Similar validation accuracy as previous models, longer trainingtime than the previous one. Let evaulate again after two more epochs.

In [371]:
%time model3.fit(X_short_padded, y_short_padded, batch_size=64, epochs=2)

Epoch 1/2
Epoch 2/2
Wall time: 6min 22s


<keras.callbacks.History at 0x2d84d9a1940>

In [372]:
model3.evaluate_generator(GenerateData(X_val, y_val))

[0.58038230885717357, 0.82080563112021565]

In [373]:
model3.evaluate_generator(GenerateData(X_short, y_short))

[0.2106831872414589, 0.93159210102717604]

Validation accuracy did not increase with two more epochs. 
Right now I am at a loss on how to calibrate my network to generalize better.
I think I would like to learn more about RNNs by trying out some more projects, and then get back to doing POS tagging with LSTM.

# Summary
In this notebook I have trained RNNs on variable length inputs by using padding and single instance batches.

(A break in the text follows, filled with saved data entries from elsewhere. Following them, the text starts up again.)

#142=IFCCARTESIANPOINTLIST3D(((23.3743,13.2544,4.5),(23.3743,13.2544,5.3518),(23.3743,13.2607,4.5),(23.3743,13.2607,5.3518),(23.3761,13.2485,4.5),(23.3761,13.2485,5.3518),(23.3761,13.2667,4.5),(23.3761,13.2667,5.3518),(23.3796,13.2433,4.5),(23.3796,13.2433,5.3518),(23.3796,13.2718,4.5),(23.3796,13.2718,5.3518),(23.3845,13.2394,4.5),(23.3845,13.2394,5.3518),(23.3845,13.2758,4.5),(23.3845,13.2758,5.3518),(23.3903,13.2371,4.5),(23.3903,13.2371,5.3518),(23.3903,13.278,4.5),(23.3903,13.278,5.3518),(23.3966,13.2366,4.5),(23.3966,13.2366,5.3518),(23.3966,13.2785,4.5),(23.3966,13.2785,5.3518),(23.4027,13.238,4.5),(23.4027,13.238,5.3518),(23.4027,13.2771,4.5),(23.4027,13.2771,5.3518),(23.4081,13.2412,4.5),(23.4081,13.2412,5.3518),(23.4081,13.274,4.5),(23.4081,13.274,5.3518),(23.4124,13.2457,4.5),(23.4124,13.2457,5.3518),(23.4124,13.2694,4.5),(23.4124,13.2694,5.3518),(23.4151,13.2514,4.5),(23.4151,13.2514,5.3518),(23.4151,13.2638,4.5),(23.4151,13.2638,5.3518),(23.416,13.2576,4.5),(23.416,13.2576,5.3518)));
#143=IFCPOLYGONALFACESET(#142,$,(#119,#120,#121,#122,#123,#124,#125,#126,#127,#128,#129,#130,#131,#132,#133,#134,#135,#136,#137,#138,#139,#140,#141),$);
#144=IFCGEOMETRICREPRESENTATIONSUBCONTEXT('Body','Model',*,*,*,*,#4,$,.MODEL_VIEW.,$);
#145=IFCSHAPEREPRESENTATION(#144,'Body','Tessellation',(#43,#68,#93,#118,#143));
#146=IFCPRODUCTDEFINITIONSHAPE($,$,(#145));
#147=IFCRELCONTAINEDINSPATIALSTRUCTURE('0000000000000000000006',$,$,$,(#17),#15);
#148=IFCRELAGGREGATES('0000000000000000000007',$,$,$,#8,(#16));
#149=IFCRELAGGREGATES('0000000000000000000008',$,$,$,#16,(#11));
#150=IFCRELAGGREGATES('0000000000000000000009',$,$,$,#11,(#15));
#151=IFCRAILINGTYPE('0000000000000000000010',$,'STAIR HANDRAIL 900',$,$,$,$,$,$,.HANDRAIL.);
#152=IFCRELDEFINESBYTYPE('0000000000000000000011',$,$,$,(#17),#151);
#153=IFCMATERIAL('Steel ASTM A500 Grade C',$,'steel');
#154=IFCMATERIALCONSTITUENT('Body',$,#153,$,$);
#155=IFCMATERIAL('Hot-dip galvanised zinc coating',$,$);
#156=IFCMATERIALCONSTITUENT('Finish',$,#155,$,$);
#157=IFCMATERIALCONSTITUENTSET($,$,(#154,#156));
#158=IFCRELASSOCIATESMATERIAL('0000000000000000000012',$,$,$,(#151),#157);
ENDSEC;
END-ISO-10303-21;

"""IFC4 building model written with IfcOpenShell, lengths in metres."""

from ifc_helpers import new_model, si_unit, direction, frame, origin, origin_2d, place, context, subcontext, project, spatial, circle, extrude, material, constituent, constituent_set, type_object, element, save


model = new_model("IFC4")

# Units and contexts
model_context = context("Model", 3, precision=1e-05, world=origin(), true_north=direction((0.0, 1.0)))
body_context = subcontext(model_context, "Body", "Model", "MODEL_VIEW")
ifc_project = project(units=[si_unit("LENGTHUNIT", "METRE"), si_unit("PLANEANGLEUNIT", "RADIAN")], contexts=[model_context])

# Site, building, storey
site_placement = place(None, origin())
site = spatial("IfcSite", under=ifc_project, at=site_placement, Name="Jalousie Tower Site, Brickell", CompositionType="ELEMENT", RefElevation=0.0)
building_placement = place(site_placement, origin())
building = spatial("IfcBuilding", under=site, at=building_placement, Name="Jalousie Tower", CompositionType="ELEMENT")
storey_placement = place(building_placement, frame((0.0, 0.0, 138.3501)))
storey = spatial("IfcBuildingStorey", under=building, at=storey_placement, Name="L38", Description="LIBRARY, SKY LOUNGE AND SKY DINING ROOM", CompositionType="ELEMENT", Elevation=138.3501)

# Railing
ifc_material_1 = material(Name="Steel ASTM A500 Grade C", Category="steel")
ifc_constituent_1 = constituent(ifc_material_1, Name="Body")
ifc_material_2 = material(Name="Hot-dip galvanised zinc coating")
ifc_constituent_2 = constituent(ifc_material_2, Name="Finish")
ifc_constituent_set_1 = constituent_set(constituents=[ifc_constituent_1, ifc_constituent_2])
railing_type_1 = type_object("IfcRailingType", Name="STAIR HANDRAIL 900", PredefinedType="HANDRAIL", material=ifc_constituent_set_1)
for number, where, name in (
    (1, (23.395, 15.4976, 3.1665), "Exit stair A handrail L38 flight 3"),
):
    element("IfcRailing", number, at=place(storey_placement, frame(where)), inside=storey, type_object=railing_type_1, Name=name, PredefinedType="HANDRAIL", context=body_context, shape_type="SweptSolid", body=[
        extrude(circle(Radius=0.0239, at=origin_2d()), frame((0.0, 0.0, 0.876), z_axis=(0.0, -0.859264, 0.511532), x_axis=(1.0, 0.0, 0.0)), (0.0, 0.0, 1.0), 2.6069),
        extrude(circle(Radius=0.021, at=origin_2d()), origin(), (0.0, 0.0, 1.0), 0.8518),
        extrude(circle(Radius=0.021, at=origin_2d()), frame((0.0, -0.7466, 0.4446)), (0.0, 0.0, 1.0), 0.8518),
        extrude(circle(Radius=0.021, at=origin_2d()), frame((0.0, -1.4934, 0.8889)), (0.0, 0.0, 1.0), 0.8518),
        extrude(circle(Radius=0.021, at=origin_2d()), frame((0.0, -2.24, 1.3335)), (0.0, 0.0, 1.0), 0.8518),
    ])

I did not achieve any good results on the validation set, 82% accuracy being my best result. 

Training RNNs takes a lot more time compared to regular DNNs, this resulted in me not allowing my networks that many epochs to train. However, none of the networks showed any signs of improving validation accuracy with more training.

Right now I feel like the main hurdle for me in improving my model is that I lack experience using RNNs.
I would like to gain some more experience, perhaps by mimicking other people models.